Well, there goes my vacation. Looks like I'm going to be the stuffy chaperone.


----------



## Andaka (Jun 29, 2003)

Since Nucky can pack, maybe he'd like to come help me for a while!?!







My DH and I have bought a new house, and now have to pack up stuff from the old one. Extra paws would be welcome.


----------



## Amaruq (Aug 29, 2001)

Well I am not sure if you WANT Nucky's help. Knowing him any stuffed toys will be packed and shipped to PA in c/o Nucky as would anything edible.


----------



## BlackPuppy (Mar 29, 2007)

Wow, 4 days of agility! I just heard about the shows and I've been talked into going down just for a look. I'll only be there Saturday, but I think I'll be there longer than I thought. The Central Herding Dog Club is holding a membership meeting and I thought I'd go to that as long as I'm there.


----------



## agilegsds (Dec 31, 2003)

It's a fun show, plus they have a lot of good vendors. The last time I was there I bought way too much.
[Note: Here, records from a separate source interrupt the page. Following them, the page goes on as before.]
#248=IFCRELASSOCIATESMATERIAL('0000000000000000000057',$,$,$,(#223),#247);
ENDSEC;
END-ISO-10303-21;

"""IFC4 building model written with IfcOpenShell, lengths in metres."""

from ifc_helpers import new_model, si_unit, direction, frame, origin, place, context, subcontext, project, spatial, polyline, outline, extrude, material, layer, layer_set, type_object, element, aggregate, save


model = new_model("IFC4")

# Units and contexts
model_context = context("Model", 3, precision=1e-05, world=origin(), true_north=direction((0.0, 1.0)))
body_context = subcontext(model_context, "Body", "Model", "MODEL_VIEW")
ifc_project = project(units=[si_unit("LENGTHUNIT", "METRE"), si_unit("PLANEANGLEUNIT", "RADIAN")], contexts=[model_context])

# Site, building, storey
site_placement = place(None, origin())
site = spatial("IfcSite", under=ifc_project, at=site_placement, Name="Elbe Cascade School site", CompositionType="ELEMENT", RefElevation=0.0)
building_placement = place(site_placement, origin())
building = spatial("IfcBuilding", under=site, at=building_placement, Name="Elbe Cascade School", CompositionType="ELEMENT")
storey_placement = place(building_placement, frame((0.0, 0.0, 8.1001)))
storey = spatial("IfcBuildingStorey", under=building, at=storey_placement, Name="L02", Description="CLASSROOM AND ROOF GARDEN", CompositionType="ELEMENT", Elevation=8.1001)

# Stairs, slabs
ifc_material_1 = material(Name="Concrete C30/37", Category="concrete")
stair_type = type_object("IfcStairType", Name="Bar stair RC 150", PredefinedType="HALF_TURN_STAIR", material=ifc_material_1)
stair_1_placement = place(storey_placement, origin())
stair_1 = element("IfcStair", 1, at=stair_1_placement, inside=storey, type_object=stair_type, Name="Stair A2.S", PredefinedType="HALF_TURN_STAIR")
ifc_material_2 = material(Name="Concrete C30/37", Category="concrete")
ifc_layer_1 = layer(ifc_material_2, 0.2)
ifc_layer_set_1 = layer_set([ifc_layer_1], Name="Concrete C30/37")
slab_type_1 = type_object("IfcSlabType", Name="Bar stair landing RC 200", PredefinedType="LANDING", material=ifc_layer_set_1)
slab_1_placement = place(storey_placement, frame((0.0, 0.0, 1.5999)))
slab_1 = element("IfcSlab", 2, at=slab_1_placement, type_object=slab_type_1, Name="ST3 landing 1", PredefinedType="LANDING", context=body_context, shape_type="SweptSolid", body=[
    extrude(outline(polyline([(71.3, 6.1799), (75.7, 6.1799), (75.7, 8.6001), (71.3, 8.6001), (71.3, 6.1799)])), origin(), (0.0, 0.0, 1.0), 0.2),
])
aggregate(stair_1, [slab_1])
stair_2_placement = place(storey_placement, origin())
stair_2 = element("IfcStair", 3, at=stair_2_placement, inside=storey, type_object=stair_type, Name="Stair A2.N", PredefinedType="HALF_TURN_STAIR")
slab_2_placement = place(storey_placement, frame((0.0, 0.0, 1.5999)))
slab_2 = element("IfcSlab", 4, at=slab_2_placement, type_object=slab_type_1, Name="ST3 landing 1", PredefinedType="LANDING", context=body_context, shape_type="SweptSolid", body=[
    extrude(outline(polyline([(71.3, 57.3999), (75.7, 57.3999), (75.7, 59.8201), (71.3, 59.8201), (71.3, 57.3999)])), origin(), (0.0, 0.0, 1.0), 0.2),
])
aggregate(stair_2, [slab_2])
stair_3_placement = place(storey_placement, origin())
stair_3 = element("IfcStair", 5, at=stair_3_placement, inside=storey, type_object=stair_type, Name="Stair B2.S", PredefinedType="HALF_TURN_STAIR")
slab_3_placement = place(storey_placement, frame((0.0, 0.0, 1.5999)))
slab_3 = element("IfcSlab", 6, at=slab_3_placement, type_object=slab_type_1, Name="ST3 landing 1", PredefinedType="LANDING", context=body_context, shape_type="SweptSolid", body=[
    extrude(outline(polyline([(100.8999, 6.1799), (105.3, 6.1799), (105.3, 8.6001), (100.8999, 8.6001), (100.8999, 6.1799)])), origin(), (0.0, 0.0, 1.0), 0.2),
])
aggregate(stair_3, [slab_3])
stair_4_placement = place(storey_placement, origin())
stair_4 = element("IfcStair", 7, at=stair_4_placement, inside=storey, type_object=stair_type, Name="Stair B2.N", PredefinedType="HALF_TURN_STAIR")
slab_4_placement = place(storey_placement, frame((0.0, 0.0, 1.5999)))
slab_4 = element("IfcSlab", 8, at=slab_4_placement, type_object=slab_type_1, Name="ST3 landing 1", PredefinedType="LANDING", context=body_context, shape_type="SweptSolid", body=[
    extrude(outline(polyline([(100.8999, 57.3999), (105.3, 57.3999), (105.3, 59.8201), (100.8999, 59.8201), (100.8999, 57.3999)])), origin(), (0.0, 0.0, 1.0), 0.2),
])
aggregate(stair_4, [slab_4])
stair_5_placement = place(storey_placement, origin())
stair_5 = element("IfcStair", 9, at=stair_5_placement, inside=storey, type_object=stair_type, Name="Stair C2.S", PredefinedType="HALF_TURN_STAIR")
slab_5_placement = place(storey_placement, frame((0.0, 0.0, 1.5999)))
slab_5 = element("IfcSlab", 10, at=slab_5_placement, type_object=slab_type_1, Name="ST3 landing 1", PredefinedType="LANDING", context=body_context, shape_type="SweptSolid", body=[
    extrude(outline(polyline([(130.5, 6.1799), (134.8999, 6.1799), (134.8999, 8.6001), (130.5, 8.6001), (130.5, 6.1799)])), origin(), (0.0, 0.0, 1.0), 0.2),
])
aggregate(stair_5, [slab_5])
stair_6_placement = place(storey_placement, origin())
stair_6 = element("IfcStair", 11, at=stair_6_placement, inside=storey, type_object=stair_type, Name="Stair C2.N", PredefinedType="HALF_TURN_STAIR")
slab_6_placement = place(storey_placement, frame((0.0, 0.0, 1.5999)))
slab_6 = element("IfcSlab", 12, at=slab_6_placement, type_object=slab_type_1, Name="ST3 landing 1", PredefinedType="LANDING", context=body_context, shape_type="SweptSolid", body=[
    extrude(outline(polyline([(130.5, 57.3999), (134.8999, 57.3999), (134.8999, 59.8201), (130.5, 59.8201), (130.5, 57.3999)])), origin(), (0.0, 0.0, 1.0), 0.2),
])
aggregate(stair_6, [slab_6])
Kayto is in 24" Excellent B and is usually the only red and white Sibe in the class, so easy to spot. Stop by if you have a chance. We won't run until some time in the afternoon, they're running 24" last in both Standard and JWW. And with 300+ Exc. dogs ahead of us, it looks like I'll be sleeping in!


----------



## agilegsds (Dec 31, 2003)

I'm back from Lousiville and saw Jimmy Moses handle a wonderful young male. He took at least two Group 1's because I saw him in Best in Show twice. He may have taken more except I missed groups and BIS on two days. I absolutely loved this dog, he has a gorgeous head and is not extreme. Here's some pics that were posted online at http://www.courier-journal.com, photographer James Calvert:

Ch. Woodside's Pacino


----------



## denwil2007 (Apr 15, 2007)

he is quite handsome, with a beautiful sidegait.


----------



## Xeph (Jun 19, 2005)

Tony  From what I hear, Jimmy's last dog.

Maybe he's hoping for another Hatter, as he generally prefers bitches


----------